Compared with the original inception, inception V2 uses two layers of 3 × 3 small convolution kernels instead of one layer of large 5 × 5 convolution kernels. This modification reduces the model parameters while keeping the receptive field unchanged, and it can provide more nonlinearity Figure 1 shows the structure of inception V2.

2.2. Nonlocal Block

The attention mechanism is useful in image classification tasks and can make the model ignore irrelevant information and focus on key information. The nonlocal block was designed by Wang according to traditional nonlocal methods in computer vision. It can break the restriction that the convolution layer can only process adjacent elements. It makes the calculation of each pixel in the feature map connect with all other pixels in the whole feature map. It directly captures remote dependencies by calculating the interaction between any two positions on the image and obtaining global information. Figure 2 shows the structure diagram of the nonlocal block.

The nonlocal block performs very well in video classification, target detection, and other fields. Shokir [50] proposed a new nonlocal full-convolution network to capture global correlations more effectively for video saliency target detection obtained good results, proving the effectiveness of the nonlocal operation in saliency target detection. Quan [51] added the nonlocal block to a CNN for electrocardiogram classification. The electrocardiogram classification was significantly improved through nonlocal blocks to capture the long-term dependence of features in the spatial and channel domains. Wang [52] added an improved nonlocal block, called the asymmetric pyramid nonlocal block (APNB), to U-Net to automatically extract buildings from high-resolution aerial images. APNB captured global context information and improved the classification accuracy of pixels inside large buildings.

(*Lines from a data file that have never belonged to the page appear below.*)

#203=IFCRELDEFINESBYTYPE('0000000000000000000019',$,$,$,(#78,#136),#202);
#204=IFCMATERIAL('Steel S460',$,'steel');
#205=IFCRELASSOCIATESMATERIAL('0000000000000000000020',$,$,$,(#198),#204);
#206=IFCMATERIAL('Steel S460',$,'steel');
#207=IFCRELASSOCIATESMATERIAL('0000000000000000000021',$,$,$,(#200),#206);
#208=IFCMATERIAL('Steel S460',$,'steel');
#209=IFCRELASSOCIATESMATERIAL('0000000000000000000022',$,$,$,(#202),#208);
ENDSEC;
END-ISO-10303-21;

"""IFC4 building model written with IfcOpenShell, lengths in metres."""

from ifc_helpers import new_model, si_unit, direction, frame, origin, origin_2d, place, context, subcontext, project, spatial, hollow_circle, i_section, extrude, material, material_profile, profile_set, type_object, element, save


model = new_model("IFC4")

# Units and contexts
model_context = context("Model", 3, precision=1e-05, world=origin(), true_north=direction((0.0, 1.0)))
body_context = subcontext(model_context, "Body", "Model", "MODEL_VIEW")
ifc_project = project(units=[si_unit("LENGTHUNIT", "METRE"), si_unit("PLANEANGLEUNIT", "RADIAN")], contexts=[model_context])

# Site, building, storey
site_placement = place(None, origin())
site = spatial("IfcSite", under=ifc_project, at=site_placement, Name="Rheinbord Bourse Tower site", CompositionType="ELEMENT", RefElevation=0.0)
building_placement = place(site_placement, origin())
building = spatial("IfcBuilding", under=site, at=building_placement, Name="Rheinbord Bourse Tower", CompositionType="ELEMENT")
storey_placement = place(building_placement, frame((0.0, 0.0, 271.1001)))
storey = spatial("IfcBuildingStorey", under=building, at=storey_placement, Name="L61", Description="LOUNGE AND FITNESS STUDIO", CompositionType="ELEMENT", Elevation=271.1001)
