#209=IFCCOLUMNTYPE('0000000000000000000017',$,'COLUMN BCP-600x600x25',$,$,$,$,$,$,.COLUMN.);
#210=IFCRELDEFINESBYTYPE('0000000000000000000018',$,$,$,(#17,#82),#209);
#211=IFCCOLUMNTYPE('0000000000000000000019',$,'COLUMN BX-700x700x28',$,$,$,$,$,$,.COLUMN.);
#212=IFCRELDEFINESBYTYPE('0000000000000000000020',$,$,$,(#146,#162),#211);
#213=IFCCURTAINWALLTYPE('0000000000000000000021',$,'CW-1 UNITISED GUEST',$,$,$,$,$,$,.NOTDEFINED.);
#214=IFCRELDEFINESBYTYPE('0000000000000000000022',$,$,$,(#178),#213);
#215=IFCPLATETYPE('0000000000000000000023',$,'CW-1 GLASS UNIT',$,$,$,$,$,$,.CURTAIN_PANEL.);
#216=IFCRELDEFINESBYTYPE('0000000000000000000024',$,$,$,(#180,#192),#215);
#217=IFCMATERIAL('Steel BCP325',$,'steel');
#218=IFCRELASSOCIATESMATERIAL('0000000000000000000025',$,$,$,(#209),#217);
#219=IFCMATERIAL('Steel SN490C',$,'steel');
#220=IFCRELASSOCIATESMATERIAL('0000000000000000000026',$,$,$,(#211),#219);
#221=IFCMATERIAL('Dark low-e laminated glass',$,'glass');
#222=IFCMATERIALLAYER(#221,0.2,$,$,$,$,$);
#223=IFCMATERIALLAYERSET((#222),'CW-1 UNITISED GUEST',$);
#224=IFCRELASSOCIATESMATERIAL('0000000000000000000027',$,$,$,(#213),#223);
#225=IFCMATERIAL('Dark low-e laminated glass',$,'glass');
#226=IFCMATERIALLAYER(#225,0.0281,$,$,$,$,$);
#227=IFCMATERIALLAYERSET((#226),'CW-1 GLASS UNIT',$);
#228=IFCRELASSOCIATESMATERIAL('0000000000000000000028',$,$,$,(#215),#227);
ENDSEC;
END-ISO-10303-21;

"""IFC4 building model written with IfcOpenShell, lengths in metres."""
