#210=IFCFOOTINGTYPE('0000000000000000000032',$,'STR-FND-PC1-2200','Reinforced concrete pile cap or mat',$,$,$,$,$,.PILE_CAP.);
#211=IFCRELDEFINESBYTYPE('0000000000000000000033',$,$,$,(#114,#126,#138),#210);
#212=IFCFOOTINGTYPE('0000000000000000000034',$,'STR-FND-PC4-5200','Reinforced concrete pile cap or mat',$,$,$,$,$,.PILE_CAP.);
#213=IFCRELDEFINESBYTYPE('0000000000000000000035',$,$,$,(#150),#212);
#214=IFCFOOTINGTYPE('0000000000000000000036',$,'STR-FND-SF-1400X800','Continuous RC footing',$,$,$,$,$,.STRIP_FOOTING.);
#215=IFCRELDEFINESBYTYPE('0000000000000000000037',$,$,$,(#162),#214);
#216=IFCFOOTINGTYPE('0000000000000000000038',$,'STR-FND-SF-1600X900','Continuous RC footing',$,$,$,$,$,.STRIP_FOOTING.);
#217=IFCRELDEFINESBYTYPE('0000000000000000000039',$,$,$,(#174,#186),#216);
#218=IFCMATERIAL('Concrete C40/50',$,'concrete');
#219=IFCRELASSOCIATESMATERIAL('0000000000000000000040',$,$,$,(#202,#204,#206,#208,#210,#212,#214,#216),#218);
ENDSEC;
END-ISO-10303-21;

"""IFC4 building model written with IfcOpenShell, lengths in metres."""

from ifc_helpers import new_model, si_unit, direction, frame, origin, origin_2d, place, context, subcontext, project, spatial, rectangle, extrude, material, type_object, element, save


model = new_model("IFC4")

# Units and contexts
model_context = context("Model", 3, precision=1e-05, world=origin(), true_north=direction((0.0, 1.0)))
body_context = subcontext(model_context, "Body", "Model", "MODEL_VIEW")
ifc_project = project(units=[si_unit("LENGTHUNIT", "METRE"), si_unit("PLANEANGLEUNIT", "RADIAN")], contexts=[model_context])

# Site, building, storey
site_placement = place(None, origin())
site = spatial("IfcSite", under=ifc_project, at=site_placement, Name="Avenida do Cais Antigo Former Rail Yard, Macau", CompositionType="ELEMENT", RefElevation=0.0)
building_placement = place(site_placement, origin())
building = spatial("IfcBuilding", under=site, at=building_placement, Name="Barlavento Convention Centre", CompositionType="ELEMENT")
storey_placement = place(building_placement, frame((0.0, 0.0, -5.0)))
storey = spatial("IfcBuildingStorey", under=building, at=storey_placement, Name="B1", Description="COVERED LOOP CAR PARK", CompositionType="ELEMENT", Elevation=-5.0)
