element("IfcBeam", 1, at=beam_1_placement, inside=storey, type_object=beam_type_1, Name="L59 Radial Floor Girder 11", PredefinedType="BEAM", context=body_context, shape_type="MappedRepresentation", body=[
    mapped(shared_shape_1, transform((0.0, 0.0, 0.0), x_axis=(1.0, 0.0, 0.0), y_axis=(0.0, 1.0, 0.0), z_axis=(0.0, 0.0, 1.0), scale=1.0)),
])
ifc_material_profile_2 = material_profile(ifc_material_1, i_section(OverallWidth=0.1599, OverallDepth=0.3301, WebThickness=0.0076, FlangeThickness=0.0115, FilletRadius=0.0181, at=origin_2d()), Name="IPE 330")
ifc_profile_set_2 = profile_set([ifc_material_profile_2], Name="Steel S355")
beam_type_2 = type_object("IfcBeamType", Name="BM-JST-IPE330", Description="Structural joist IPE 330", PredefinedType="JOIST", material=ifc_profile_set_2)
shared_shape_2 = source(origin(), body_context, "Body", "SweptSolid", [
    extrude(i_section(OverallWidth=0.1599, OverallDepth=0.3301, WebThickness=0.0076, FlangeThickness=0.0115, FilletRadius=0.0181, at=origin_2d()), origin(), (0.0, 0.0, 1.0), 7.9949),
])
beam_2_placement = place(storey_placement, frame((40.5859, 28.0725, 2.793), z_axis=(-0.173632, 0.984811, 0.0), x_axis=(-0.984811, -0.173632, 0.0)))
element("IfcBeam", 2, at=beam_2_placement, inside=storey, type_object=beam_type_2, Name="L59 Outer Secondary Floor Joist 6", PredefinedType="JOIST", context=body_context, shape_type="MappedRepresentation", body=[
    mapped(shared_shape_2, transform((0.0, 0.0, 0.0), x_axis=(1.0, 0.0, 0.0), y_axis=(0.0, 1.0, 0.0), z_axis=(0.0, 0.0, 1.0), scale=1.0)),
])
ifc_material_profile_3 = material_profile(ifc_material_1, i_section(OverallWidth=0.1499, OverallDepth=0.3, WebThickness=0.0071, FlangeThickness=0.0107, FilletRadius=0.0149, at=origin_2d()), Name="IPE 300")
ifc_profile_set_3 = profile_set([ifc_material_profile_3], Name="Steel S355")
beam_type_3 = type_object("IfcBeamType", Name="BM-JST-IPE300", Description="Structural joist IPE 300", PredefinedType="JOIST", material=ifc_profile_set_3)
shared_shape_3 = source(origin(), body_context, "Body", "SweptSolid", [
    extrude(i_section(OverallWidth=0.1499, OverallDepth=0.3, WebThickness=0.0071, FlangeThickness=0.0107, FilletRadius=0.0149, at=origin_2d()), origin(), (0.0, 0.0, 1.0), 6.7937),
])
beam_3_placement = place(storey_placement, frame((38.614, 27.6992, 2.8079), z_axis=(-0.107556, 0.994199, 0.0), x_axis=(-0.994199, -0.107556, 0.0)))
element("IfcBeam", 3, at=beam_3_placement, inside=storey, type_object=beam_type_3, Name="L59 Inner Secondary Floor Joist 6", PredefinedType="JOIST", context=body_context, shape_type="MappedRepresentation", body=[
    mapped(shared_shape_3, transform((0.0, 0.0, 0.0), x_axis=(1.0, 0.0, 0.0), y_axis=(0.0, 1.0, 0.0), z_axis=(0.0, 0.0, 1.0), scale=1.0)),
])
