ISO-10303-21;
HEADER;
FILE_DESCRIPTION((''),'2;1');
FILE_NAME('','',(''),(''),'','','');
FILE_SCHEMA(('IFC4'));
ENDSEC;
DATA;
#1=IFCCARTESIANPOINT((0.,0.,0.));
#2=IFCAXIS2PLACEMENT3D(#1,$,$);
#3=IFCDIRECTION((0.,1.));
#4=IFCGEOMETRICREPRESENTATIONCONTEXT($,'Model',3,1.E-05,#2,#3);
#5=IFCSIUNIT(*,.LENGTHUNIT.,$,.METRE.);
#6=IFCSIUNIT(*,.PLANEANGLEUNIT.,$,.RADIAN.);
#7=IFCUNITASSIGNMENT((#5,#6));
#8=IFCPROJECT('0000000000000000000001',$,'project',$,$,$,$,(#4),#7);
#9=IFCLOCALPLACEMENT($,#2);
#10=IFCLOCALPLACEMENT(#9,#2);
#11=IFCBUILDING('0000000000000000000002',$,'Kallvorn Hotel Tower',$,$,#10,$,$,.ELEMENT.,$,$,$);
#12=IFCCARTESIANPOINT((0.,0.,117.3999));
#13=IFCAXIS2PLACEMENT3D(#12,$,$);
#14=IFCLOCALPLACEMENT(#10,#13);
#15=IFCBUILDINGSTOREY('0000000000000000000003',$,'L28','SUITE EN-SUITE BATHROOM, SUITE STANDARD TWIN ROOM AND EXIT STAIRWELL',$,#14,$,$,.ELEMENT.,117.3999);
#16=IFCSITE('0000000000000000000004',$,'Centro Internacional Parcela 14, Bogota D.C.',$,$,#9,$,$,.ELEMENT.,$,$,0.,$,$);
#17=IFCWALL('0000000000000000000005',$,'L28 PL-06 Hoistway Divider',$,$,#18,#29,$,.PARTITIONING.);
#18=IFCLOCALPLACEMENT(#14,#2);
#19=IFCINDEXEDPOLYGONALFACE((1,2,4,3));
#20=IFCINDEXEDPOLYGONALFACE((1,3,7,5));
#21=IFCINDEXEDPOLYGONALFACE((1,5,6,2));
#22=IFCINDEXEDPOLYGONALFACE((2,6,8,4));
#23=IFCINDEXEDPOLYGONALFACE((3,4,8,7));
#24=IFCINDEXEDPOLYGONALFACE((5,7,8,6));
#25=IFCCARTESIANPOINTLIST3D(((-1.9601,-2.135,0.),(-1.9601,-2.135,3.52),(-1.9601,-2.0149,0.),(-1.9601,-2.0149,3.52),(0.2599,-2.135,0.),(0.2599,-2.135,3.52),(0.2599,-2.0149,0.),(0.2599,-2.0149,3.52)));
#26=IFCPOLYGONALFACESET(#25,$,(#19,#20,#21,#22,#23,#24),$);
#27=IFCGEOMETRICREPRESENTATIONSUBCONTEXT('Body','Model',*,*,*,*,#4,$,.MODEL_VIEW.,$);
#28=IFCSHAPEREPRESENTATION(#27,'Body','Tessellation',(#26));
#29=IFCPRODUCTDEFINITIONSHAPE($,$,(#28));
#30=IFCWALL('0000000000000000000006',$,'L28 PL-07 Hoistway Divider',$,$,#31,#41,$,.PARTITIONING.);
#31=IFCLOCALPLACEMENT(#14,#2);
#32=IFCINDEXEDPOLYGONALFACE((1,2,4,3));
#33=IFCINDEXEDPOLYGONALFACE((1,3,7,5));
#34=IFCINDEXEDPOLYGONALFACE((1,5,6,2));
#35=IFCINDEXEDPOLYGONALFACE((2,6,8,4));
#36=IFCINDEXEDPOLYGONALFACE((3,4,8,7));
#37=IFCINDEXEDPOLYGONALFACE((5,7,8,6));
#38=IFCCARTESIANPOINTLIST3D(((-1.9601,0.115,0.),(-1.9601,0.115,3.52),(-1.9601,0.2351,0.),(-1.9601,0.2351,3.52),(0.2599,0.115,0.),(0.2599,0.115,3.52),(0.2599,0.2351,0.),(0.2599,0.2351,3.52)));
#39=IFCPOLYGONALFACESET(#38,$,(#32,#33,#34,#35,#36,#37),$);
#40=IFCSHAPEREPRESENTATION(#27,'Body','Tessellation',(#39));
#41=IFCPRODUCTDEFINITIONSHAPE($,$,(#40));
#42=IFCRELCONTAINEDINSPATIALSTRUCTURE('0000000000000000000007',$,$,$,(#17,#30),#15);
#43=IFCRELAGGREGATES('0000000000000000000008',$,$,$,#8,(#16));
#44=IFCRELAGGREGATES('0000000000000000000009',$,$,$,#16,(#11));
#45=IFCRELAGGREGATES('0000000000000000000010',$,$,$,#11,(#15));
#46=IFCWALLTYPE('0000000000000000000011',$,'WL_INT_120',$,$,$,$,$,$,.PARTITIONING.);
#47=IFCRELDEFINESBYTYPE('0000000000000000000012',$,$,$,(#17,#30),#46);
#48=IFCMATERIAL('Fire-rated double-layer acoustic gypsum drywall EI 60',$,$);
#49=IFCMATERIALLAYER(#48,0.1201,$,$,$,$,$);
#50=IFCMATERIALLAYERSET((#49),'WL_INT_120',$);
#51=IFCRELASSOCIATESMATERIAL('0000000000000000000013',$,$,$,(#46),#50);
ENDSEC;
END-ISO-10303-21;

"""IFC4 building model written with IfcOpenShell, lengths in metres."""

from ifc_helpers import new_model, si_unit, direction, frame, frame_2d, origin, place, context, subcontext, project, spatial, rectangle, extrude, material, layer, layer_set, type_object, element, save


model = new_model("IFC4")

# Units and contexts
model_context = context("Model", 3, precision=1e-05, world=origin(), true_north=direction((0.0, 1.0)))
body_context = subcontext(model_context, "Body", "Model", "MODEL_VIEW")
ifc_project = project(units=[si_unit("LENGTHUNIT", "METRE"), si_unit("PLANEANGLEUNIT", "RADIAN")], contexts=[model_context])

# Site, building, storey
site_placement = place(None, origin())
site = spatial("IfcSite", under=ifc_project, at=site_placement, Name="Centro Internacional Parcela 14, Bogota D.C.", CompositionType="ELEMENT", RefElevation=0.0)
building_placement = place(site_placement, origin())
building = spatial("IfcBuilding", under=site, at=building_placement, Name="Kallvorn Hotel Tower", CompositionType="ELEMENT")
storey_placement = place(building_placement, frame((0.0, 0.0, 117.3999)))
storey = spatial("IfcBuildingStorey", under=building, at=storey_placement, Name="L28", Description="SUITE EN-SUITE BATHROOM, SUITE STANDARD TWIN ROOM AND EXIT STAIRWELL", CompositionType="ELEMENT", Elevation=117.3999)

# Walls
ifc_material_1 = material(Name="Fire-rated double-layer acoustic gypsum drywall EI 60")
ifc_layer_1 = layer(ifc_material_1, 0.1201)
ifc_layer_set_1 = layer_set([ifc_layer_1], Name="WL_INT_120")
wall_type_1 = type_object("IfcWallType", Name="WL_INT_120", PredefinedType="PARTITIONING", material=ifc_layer_set_1)
for number, where, z_axis, x_axis, name in (
    (1, (-1.96, -2.075, 0.0), (0.0, 0.0, 1.0), (1.0, 0.0, 0.0), "L28 PL-06 Hoistway Divider"),
    (2, (-1.96, 0.175, 0.0), (0.0, 0.0, 1.0), (1.0, 0.0, 0.0), "L28 PL-07 Hoistway Divider"),
):
    element("IfcWall", number, at=place(storey_placement, frame(where, z_axis=z_axis, x_axis=x_axis)), inside=storey, type_object=wall_type_1, Name=name, PredefinedType="PARTITIONING", context=body_context, shape_type="SweptSolid", body=[
        extrude(rectangle(XDim=2.22, YDim=0.1201, at=frame_2d((1.1099, 0.0))), origin(), (0.0, 0.0, 1.0), 3.52),
    ])

save(model, "model.ifc")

The formula for a nonlocal block is as follows:

$$y_i=\frac{1}{c\left(X\right)}{{\displaystyle \sum }}_{\forall j}f\left(X_i,X_j\right)g\left(X_i\right)$$

(1)

where X represents the input data (in this study, it refers to the three-dimensional image block of the input network), y represents the output data, and i and j represent the spatial positions of the input. f is a function used to calculate the similarity relationship with all other data, and $g$ is used to calculate the eigenvalue of the input data at the position. $c\left(X\right)$ is a normalization parameter. To simplify the problem, only the linear $g\left(X_j\right)$ case is considered; that is, $g\left(X_j\right)=W_g{X}_{j }. W_g$is a weight matrix that can be learned through training, which, depending on the input data, can be implemented in the neural network by the convolution operations of 1 × 1 or 1 × 1 × 1. There are many choices of functions. Here, we implement the embedded Gaussian, the formula for which is as follows:

$$f\left(X_i,X_j\right)=e^{\theta {\left(X_i\right)}^T\varnothing \left(X_j\right)}$$

(2)

where $\theta \left(X_i\right)=W_{\theta }{X}_i$, and $\varnothing \left(X_j\right)=W_{\theta }{X}_j$is also achieved by convolution operations of 1 × 1 or 1 × 1 × 1 on normalized parameters$C\left(X\right)=\sum _{\forall }f\left(X_i,X_j\right)$. As such, $y$can be fully expressed as follows:

$$y=softmax\left(X^T{W}_{\theta }^T{W}_{\varnothing }X\right)g\left(X\right)$$

(3)

3. The Proposed Method

To solve the problems of insufficient spatial feature extraction at a single scale, the presence of many bands, and the high redundancy of spectral information in hyperspectral image classification, we introduce the inception and nonlocal attention mechanisms into the CNN. Unlike the existing models, our proposed model uses several convolution kernels of different sizes on the same layer of the network to extract features, and the inception block provides multiscale receptive fields for the network to make feature extraction more efficient. The nonlocal attention mechanism is not limited to adjacent pixels and can determine the correlation between any positions, which is equivalent to constructing a convolution kernel of the size of a feature map. Therefore, the network can extract more comprehensive spatial and spectral features while suppressing the redundant information between spectral bands.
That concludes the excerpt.